仕入れ値ゼロ円のホストたちはすかさず逃走し,コンチキビルの屋上に落ちたロケットの鼻先ではあの3人がいつものように揃って歌いだす.一方通行で報われない愛でおなじみ,練馬大根ブラザーズ! …一瞬かっこ良く見える3人だけど今回電池以外はもらってないので大変に無力.安売りバズーカ撃ってくるコンチキに比べるとその戦力は嬰児並み(笑).しかし練馬大根にはカラクリがつきもの.ホースとともにある一騎当千の彼女さえこの戦場に引きこめたなら,逮捕のどさくさに紛れてコンチキの金持って逃げるくらいは簡単なはず!…だったのに,宇宙船が戻って来て金を回収して飛んで行ってノーマネーでフィニッシュ.まあ,いつものことなんですが.

一騒ぎも収まって静かになった廃墟の中で,壊れたロケットの上でイチローの幻影に悲しい恋を歌うマコ.いかに若くてぴちぴちでもこの恋は一方通行出口なし.ヒデキの恋をいいように食い物にしていたマコに比べて,そもそもマコの恋を食ってもくれないイチローの方がずっと酷薄で涙が出ちゃう.もし3人がバンドのメンバーでなかったら,一緒にいることすらも許されないに違いない.これぞ所謂ひとつの嫌われ.マコがヒデキにするように,イチローはマコにするのです.

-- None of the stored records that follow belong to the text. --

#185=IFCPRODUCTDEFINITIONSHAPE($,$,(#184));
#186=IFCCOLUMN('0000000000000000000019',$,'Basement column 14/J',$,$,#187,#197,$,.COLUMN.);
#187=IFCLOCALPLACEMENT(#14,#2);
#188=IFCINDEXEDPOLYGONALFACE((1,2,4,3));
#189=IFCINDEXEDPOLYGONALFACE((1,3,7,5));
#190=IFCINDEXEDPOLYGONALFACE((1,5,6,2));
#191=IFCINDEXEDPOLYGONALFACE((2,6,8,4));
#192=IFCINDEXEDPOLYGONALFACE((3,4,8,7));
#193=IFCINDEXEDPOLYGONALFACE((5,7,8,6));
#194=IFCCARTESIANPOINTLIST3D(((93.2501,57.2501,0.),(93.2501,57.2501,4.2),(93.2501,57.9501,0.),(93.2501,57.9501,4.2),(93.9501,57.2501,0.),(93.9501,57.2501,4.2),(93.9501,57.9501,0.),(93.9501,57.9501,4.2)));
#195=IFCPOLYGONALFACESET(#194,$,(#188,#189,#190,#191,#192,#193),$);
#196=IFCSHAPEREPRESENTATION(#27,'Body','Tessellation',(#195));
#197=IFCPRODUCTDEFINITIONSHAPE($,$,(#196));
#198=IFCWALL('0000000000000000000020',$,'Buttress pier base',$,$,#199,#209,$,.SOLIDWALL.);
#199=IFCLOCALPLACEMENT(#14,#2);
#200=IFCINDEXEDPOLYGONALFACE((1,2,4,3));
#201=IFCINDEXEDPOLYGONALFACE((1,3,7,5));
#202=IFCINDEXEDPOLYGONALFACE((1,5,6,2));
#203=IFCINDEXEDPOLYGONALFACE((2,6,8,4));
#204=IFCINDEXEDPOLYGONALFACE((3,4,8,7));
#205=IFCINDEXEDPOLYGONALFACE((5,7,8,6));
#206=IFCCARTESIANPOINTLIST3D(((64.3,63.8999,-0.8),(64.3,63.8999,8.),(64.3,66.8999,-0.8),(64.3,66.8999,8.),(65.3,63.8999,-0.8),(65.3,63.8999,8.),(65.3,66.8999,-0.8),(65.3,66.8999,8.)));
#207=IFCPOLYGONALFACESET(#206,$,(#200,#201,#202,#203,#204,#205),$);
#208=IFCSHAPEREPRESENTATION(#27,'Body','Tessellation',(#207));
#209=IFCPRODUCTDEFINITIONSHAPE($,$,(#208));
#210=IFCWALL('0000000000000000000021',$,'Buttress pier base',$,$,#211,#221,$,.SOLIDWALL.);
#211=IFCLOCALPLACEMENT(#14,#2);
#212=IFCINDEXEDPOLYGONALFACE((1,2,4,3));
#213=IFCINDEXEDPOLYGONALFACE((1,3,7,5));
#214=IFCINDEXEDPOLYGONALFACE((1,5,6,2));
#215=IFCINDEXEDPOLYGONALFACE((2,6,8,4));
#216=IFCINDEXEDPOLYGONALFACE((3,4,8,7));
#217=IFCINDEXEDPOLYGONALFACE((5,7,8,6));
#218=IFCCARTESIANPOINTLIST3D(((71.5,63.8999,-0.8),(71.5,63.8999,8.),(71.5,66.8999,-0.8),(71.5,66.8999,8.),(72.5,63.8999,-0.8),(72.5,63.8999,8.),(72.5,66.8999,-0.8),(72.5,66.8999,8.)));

そんな哀愁の中にエンディング曲のイントロと共に登場したのが誰あろうヒデキ.前説の指輪とともに登場し,マコの価値は指輪なんかと比べられないと口説きます,最良のタイミングで最良の言葉を発したヒデキは一挙にトゥルーエンドになだれ込めるはずが!指輪の価値がコンチキの激安32円であったためにバッドエンドに直行だ(笑). …あの分岐の時点で借りちゃいなマネーさえ選んでいれば…かくして税込32円と比較もできないパンダやマリモ以下の乙女は,ヒデ兄ちゃんをけたぐり倒すのでありました.本当のエンディングはイチローが,「世の中,お金で買えないものもあります…嘘です」
涙は笑いというお汁粉に一つまみ入れる塩.普段いい目を見てばかりのマコの流す涙が見事にギャグを引き立てて,ラストの一言で見事に収まる,実に味わい深い仕上がりとなりました! 大人ってのは子どもと違いどうしたってただの友達や仲良しなんかではいられない.ヒデキたちの結束だって,子ども同士の友情のように無制限で無垢で堅いものなんかではないわけです.つまりは限度ありのちょっと汚れた脆い大人の友情を描いているわけだから,本作ってちゃんと大人向けじゃないかと思います.で,そんな脆いものにさらに大きな亀裂が入ってついでに作画も崩壊する(笑)次回に続きます.